NAISS
SUPR
NAISS Projects
SUPR
DFT and ML Based Study of Electronic and Magnetic Phenomena in Materials Relevant to Spintronics and their Energy Applications
Dnr:

NAISS 2026/4-862

Type:

NAISS Small

Principal Investigator:

Ali Sufyan

Affiliation:

Lunds universitet

Start Date:

2026-06-01

End Date:

2027-06-01

Primary Classification:

10304: Condensed Matter Physics

Allocation

Abstract

This continuation proposal builds directly on the successful outcomes of our completed NAISS 2025/22-644 project, in which Tetralith resources enabled three high-impact publications on altermagnetic band splitting, exotic topological states in pyrite OsS₂, and sustainable energy-related materials.

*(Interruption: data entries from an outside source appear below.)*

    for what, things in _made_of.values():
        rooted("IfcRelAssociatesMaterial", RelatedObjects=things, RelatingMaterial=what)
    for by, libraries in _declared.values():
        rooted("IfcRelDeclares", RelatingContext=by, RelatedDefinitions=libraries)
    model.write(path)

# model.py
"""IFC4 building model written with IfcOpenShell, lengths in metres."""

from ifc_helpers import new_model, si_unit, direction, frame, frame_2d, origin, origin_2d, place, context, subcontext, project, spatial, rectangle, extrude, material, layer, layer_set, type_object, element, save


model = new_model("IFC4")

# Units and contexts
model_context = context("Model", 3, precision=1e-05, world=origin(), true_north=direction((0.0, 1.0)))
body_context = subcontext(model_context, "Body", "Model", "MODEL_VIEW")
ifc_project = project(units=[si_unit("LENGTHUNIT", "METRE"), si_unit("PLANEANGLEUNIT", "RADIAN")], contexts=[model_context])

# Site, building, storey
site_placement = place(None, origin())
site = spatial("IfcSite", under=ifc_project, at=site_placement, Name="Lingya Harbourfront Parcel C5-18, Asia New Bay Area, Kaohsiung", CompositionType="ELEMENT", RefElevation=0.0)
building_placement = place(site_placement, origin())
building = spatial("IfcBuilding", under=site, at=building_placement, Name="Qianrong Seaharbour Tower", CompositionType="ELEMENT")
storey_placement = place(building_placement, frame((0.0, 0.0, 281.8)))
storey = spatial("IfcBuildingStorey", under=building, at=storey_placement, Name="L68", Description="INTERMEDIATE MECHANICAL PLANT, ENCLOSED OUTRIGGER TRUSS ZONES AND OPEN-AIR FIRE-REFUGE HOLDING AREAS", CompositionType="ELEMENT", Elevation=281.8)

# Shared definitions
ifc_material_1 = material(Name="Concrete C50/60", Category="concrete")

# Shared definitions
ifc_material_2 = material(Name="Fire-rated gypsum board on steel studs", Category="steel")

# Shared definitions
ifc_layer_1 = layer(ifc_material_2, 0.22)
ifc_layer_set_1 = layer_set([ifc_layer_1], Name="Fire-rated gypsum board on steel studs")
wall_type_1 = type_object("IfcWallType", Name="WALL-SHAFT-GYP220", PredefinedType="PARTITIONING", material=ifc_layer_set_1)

We propose to advance this research by combining density functional theory (DFT) with high-throughput computational workflows and state-of-the-art machine learning (ML) techniques to accelerate the discovery of novel materials for spintronics and energy applications. The project will focus on three interconnected directions: (1) expanding high-throughput screening of altermagnetic and magnetic topological materials using ML-guided selection and surrogate models trained on our previous DFT datasets, enabling efficient exploration of larger chemical spaces while significantly reducing computational cost; (2) detailed characterization of two-dimensional (2D) materials exhibiting nonlinear Hall effect, Rashba spin-orbit splitting, shift current, and robust topological surface states, with particular emphasis on their integration into spintronic devices; and (3) investigation of energy-relevant properties, including spin-polarized transport and magnetoelectric coupling, in candidate materials for low-power electronics and sustainable energy technologies. By integrating DFT calculations (performed with VASP or equivalent codes on Tetralith) with machine-learning interatomic potentials, active learning, and property-prediction models, we will elucidate fundamental phenomena such as spin-orbit coupling, exchange interactions, and electronic band structures at unprecedented scale and accuracy. This hybrid DFT–ML approach will deliver not only new candidate materials but also open datasets and predictive models that can guide experimental synthesis and device fabrication. The proposed work will provide crucial insights for next-generation spintronic devices (e.g., altermagnet-based memory and sensors) and contribute to energy-efficient and environmentally sustainable material solutions, fully leveraging the national HPC resources at NSC.